"Cherry pick the highest" is misleading. If your revenue is growing 10% a month for a year straight and is not seasonal, picking any other than the most recent month to annualize would make no sense.
If a company's revenue in January is $100 and it grows by 10% every month, the December revenue is $285. The year's revenue would be about $2,138, but ARR in December would be $3,423. That's 1.6x the actual revenue.
ARR could be a useful tool to help predict future revenue, but why not simply report on actual revenue and suggest it might increase in the next year? I have found the most articles to be unclear to the reader about what ARR actually represents.

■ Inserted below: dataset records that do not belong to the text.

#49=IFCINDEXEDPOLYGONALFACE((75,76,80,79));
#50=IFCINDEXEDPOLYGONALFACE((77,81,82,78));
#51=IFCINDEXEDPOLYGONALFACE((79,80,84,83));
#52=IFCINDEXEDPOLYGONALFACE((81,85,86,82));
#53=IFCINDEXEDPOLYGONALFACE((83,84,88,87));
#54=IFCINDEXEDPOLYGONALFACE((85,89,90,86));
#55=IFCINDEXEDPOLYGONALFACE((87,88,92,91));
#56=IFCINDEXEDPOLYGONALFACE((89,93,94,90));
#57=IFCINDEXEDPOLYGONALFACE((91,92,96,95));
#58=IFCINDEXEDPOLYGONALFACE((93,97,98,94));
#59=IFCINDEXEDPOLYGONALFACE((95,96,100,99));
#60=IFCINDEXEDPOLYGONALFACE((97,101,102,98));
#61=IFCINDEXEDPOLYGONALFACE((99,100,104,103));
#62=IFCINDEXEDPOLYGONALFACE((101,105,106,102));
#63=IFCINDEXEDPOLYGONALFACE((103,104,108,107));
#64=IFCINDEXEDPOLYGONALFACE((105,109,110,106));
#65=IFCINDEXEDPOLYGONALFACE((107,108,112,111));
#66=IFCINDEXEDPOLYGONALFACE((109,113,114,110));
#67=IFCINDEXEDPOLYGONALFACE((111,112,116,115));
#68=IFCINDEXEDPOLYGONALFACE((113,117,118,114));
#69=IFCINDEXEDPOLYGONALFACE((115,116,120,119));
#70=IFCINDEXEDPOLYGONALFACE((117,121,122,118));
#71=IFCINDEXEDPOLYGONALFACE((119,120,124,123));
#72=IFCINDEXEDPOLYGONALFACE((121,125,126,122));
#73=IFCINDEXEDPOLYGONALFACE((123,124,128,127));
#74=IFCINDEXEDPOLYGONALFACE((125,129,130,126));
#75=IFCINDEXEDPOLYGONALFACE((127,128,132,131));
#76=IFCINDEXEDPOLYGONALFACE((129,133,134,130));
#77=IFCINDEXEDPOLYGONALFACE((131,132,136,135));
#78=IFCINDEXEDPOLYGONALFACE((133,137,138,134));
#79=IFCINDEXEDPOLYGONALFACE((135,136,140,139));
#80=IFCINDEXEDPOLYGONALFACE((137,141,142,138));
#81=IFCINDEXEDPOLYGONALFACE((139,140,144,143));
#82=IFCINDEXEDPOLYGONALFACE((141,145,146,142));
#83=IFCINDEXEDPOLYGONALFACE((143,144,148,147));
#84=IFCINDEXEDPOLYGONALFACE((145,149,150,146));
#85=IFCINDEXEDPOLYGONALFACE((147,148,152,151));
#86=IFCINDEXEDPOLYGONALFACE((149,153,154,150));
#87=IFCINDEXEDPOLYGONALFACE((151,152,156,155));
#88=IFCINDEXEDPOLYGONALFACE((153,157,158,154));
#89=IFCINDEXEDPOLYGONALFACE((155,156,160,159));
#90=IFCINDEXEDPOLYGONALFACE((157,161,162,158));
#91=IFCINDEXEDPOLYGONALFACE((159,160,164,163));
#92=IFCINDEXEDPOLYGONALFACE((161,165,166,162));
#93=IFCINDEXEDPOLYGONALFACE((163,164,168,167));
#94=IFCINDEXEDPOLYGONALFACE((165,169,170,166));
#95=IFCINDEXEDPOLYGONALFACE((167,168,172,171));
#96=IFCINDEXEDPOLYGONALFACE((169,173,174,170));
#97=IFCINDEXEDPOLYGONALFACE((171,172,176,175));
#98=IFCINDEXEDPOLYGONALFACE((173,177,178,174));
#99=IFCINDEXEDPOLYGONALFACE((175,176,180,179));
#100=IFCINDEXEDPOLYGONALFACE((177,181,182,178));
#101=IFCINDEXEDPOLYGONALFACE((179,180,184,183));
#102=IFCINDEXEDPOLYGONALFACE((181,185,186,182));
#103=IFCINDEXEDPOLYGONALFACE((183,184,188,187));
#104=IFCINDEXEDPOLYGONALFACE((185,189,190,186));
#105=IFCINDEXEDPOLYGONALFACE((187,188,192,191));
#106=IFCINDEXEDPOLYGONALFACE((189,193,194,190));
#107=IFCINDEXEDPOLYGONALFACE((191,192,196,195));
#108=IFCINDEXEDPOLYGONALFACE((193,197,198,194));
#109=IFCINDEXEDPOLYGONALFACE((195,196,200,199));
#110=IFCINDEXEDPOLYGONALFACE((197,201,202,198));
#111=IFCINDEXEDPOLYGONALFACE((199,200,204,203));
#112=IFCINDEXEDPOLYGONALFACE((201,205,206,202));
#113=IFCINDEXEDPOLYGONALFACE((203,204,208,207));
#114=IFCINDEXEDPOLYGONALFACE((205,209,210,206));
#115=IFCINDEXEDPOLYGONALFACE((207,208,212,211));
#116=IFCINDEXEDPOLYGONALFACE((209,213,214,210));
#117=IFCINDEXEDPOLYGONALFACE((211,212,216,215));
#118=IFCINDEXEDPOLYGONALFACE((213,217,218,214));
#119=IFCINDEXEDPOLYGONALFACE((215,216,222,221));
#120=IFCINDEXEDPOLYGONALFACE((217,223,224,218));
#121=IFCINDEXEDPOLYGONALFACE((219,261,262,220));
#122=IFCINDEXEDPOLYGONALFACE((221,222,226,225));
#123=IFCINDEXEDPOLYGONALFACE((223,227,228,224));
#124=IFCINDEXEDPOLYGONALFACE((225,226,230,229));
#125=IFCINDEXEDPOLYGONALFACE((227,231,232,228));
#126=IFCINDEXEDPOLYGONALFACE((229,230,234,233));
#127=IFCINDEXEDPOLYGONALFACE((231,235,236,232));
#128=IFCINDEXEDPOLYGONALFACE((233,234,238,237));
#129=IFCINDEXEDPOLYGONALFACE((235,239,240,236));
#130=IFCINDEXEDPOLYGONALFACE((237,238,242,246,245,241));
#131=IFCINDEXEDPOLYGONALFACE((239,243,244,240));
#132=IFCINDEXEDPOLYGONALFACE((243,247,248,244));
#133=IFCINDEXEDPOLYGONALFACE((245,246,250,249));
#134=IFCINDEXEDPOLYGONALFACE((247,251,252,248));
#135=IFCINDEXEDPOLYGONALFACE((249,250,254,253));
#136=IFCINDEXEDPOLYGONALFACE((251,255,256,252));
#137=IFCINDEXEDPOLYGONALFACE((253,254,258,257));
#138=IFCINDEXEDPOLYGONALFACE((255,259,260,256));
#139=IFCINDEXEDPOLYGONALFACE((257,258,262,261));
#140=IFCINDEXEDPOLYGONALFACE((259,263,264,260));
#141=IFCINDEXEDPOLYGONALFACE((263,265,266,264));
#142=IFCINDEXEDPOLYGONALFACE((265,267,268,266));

Why is the calendar year the relevant unit? If you insist on years, then if you consider the year from June to June, $2,138 would be misleading small.
The point of ARR is to give an up to date measure on a rapidly changing number. If you only report projected calendar year revenue, then on January 1 you switch from reporting 2025 annual revenue to 2026 projected revenue, a huge and confusing jump. Why not just report ARR every month? It's basically just a way of reporting monthly revenue — take the number you get and divide it by 12.
I am really skeptical that people are being bamboozled by this in some significant way. Zitron does far more confusing things with numbers in the name of critique.
You're correct, ARRs can be both misleading and for any 12-month period (I just chose a year to simplify), but the problem is AI companies tend to only release their latest ARR, and only selectively, which I believe is misleading in the opposite direction.
The "annual" just means that the unit of time is a year. It doesn't mean that it is recurring annually. You can call it Annualized Monthly Recurring Revenue if it makes you feel better.
Well people like Sam Altman have not been entirely honest and there's a reason they're not sharing their actual revenue numbers. If they could show they were growing 10% every month they would.